The Opinion is smart and a pleasure to read, but I would highlight the passages devoted to the purpose and aims of legal representation. The General Court based its decision on the role of the lawyer as that of a collaborator of the court, who is called upon to provide, in the overriding interests of justice, such legal assistance as the client needs. Thus, a lawyer is portrayed as acting primarily in the public, general interest of justice, with that interest prevailing over the private one. The Advocate General rejects this conception of the lawyer as a sort of agent of the courts and concludes that the role of the lawyer is private, as it responds to the interest of his or her clients. It is a service performed in the exchange of remuneration, with the feature that it is subject to a series of deontological duties. However, the lawyer is no collaborator of the court. I agree.

Also, the Opinion rejects the broad interpretation provided by the Court of Justice on the scope of in-house lawyers in the case of Akzo Nobel, a landmark ruling that dealt with the confidentiality of internal communications between an undertaking and its lawyers in the context of competition procedures. The AG argues with force that the background and precedent of the Akzo Nobel case-law cannot be used as a template to interpret Article 19 of the Statute, considering the aims and subject-matter of this provision, which deals in no way whatsoever with issues of confidentiality in EU competition procedures.

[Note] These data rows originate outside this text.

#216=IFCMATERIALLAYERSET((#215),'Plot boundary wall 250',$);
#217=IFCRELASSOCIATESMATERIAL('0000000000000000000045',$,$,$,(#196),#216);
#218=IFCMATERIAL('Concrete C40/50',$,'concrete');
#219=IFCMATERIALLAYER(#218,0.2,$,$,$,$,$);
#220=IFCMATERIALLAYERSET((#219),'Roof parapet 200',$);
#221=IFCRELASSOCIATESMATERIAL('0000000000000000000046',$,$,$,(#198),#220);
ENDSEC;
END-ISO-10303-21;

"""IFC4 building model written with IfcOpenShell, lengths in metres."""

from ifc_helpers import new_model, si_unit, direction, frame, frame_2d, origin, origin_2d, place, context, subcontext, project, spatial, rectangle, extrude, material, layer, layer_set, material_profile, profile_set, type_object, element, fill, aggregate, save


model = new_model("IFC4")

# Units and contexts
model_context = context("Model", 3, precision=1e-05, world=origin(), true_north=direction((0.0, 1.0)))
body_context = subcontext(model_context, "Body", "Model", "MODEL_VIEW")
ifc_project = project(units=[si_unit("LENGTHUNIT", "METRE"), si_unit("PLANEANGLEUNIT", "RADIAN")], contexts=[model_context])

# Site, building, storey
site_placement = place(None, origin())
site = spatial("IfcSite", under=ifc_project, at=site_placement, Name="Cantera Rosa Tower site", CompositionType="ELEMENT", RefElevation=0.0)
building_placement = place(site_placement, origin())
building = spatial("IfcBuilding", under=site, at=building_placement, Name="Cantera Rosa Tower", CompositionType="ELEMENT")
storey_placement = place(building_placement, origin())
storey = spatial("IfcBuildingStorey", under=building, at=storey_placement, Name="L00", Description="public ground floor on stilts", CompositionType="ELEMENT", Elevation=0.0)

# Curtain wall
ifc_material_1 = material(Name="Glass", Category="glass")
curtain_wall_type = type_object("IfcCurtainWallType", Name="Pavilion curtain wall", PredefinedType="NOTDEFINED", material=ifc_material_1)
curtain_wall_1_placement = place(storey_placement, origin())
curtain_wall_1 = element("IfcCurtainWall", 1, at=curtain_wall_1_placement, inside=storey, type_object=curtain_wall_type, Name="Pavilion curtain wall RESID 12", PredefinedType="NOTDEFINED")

Finally, in order to solve the case at hand, the Opinion invites the Court to focus on the issue of employed lawyers from the perspective of their position as a third party, not from the angle of independence. As a result, he proposes the Court to reject representation by employed lawyers “who provide legal representation to his employer on the basis of an employment contract and thus finds himself in a relationship of subordination with regard to the provision of such legal services”. Therefore, the employment contract must be devoted to the provision of legal services, which was not the case of the University of Wrocław’s lawyer, whose employment contract was for the provision of services in education, not legal services.

The Opinion thus strikes a balance that leaves corporate lawyers outside the scope of Article 19, but allows other employees, not hired on their condition of lawyers, to perform as lawyers if they are specifically hired to that effect in parallel to the other tasks they perform for the legal person. That will only be possible in those countries in which a lawyer can be admitted to the bar and simultaneously perform other tasks (for example, a civil servant working for a public University that is admitted to the bar under the rules of the national bar association).

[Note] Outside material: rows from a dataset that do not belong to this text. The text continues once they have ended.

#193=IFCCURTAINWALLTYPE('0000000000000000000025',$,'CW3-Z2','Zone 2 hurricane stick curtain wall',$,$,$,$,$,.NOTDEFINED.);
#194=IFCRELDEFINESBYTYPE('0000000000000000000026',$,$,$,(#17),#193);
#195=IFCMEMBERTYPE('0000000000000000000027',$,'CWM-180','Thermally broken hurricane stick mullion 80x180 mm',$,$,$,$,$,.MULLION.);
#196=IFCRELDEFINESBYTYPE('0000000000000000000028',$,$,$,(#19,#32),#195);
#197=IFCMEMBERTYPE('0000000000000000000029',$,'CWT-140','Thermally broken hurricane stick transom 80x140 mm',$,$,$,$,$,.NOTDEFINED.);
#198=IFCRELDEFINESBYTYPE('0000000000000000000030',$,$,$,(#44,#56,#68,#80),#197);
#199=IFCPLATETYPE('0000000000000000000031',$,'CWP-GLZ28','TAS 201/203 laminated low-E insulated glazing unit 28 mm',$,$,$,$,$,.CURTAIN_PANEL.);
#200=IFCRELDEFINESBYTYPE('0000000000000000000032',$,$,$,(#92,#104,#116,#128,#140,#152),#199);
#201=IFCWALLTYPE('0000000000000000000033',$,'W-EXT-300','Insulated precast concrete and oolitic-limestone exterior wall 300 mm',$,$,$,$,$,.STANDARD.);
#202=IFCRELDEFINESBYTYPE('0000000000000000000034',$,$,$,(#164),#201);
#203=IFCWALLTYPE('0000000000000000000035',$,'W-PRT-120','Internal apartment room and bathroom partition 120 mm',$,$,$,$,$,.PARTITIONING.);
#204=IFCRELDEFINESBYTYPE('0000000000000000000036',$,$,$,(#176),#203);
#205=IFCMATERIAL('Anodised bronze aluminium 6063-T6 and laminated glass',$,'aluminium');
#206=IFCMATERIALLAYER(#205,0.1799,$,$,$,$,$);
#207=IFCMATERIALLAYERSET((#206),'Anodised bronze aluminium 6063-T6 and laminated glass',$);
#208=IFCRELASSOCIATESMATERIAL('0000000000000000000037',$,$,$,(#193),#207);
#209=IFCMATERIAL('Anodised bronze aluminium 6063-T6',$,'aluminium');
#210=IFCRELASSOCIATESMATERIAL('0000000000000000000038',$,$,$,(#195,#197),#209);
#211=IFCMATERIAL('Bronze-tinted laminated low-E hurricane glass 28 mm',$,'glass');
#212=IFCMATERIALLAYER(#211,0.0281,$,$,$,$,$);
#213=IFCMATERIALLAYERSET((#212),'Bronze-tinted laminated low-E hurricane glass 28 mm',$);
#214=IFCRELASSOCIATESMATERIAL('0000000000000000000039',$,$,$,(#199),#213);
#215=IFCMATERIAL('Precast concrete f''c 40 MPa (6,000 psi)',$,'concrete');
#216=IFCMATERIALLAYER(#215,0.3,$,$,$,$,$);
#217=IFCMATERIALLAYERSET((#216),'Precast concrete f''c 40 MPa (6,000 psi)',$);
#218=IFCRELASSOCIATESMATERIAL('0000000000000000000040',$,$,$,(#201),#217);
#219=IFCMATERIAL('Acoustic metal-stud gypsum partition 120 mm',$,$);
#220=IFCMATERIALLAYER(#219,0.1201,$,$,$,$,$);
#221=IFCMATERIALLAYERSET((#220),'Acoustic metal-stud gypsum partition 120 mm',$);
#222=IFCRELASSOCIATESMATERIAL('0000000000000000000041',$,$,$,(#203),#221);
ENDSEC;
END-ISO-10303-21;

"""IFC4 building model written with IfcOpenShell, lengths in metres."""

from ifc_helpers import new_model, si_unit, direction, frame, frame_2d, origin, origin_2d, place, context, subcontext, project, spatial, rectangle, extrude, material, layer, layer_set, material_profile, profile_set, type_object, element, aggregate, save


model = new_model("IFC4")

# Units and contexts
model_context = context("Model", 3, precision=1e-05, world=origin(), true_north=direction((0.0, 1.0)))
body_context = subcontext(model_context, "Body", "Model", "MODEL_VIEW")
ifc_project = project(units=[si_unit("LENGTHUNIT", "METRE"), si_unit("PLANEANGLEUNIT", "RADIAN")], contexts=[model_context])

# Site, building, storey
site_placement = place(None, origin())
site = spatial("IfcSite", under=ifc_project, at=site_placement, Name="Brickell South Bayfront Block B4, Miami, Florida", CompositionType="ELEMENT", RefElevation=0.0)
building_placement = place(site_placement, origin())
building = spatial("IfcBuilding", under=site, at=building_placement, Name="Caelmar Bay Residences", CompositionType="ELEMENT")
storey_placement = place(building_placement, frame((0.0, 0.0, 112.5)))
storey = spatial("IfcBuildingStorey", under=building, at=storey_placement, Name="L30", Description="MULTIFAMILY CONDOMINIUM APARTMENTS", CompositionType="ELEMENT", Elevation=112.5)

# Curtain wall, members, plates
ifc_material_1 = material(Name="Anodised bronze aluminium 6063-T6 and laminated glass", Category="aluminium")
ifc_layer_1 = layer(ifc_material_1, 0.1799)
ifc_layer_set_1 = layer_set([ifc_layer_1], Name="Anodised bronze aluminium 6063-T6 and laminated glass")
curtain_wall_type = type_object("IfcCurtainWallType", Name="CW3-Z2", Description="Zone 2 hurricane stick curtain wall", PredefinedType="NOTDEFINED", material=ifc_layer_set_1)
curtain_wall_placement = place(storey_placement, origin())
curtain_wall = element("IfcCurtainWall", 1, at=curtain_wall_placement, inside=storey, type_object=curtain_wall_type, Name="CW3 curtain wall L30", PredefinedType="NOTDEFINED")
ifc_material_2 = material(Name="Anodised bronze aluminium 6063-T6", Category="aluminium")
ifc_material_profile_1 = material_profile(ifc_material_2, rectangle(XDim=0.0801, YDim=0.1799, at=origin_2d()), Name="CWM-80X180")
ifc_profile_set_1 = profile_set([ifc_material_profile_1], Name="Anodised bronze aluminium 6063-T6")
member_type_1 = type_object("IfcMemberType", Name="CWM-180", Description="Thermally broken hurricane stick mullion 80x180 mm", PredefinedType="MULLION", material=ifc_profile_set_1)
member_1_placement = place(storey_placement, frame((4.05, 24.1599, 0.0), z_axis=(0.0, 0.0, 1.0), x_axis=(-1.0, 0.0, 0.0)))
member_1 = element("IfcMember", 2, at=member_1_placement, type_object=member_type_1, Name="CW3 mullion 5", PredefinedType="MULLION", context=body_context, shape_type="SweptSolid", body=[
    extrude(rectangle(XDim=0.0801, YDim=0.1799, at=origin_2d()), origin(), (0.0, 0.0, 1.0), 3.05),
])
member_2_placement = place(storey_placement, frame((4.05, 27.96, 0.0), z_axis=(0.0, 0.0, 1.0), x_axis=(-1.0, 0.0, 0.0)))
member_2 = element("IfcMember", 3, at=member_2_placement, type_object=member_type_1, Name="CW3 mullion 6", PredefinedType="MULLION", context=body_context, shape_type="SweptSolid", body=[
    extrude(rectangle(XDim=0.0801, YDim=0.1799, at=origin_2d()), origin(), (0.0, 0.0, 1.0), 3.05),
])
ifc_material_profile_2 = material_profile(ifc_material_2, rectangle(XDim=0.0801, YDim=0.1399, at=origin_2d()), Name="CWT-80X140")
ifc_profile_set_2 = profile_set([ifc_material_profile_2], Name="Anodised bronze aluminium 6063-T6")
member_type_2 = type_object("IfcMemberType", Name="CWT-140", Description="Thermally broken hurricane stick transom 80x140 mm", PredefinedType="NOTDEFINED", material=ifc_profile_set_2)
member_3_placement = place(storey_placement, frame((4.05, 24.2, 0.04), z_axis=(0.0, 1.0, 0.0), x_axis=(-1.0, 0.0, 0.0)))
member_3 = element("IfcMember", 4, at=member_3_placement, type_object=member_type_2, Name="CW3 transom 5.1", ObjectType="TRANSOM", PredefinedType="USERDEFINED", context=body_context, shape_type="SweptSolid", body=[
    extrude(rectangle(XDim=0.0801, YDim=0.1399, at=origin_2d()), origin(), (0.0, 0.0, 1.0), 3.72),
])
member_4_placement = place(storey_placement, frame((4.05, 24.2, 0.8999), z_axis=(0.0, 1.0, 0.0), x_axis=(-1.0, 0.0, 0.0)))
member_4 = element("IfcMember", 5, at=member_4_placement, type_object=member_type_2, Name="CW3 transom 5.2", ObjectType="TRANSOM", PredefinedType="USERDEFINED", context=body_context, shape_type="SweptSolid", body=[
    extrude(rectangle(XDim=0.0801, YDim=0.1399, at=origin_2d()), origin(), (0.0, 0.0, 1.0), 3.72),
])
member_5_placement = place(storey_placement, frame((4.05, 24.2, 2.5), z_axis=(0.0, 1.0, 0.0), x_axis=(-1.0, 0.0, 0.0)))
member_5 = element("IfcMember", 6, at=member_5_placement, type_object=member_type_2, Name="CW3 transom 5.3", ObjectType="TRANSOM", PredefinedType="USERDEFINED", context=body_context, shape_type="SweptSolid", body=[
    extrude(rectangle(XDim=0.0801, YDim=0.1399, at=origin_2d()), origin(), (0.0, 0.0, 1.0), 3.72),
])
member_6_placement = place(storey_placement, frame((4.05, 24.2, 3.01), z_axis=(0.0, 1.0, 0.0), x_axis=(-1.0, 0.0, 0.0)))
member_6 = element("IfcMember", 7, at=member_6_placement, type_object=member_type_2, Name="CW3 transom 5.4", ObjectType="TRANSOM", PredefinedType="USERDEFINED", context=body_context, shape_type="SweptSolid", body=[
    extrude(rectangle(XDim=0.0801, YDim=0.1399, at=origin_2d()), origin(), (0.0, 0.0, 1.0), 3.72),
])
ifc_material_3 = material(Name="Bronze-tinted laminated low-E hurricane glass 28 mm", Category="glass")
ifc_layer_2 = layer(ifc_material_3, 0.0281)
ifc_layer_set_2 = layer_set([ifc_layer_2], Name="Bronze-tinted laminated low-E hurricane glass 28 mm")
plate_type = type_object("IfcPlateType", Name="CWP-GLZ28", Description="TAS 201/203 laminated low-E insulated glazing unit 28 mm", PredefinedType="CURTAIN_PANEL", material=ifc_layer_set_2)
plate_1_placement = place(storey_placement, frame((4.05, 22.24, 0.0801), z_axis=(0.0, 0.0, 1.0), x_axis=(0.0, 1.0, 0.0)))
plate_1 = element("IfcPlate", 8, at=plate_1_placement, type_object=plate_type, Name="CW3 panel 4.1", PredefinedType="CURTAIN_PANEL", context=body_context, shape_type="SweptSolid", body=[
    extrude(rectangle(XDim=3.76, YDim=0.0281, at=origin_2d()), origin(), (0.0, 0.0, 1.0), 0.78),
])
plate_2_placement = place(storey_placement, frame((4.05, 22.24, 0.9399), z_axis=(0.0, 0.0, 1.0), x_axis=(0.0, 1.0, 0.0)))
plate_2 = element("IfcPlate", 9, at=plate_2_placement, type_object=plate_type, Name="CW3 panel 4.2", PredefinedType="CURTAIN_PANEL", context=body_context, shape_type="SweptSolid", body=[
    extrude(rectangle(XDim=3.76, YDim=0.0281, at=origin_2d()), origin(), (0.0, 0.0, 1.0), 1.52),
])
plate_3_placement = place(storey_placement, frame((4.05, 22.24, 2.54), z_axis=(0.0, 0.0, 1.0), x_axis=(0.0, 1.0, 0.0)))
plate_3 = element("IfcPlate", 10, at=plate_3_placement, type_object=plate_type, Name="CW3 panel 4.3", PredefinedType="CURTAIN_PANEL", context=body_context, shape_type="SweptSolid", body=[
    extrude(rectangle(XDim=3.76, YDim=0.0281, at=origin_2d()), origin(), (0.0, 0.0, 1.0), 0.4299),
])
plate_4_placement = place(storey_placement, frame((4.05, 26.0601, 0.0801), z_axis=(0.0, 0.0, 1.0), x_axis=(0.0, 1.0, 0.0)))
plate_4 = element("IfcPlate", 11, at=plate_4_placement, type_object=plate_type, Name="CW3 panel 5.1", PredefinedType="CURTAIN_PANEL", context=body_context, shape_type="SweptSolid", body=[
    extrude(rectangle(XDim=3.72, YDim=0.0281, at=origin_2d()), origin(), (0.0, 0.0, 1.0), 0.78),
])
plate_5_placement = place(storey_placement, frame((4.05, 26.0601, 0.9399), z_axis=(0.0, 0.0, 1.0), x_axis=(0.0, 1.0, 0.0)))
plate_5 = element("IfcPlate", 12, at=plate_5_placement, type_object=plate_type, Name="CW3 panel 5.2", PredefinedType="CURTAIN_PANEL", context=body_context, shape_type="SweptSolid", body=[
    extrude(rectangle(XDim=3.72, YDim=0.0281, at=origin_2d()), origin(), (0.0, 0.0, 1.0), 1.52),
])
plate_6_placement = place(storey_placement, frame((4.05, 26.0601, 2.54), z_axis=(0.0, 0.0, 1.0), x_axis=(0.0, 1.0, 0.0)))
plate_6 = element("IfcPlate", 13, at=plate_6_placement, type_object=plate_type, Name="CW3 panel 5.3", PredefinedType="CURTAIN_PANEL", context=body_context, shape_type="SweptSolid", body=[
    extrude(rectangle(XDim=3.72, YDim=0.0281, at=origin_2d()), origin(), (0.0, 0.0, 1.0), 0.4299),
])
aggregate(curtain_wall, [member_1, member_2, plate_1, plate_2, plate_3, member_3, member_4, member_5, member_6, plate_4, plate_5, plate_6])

My only objection to the Opinion concerns the way in which it compares the case of lawyers in direct actions (at the General Court, mostly) with their participation in preliminary references (at the Court of Justice, exclusively). As is known, Union courts impose no restriction on lawyers to intervene in preliminary references, as long as they are authorized to represent the party in the main proceedings. Therefore, if corporate lawyers are authorized under national law to represent their clients in national courts, they will be able to represent their clients before the Court of Justice if a reference for a preliminary ruling is requested by the national court. This asymmetry strikes me as very odd. The rigid stance in direct actions suddenly becomes total flexibility in a key procedure such as the preliminary reference procedure, which consumes more than half of the Court of Justice’s annual workload. The Opinion argues that preliminary references are too specific to serve as a template, but I think that this contrast is way too bizarre to stand the course of time.

The Opinion in Uniwersytet Wrocławski is yet another example of how key procedural issues are coming back over and over again. It is also a lesson on the role of lawyers and the performance of their tasks (and duties). And irrespective of whether the Court decides to go in one direction or the other, the case has provided, at last, some clarity in a field that needed it badly.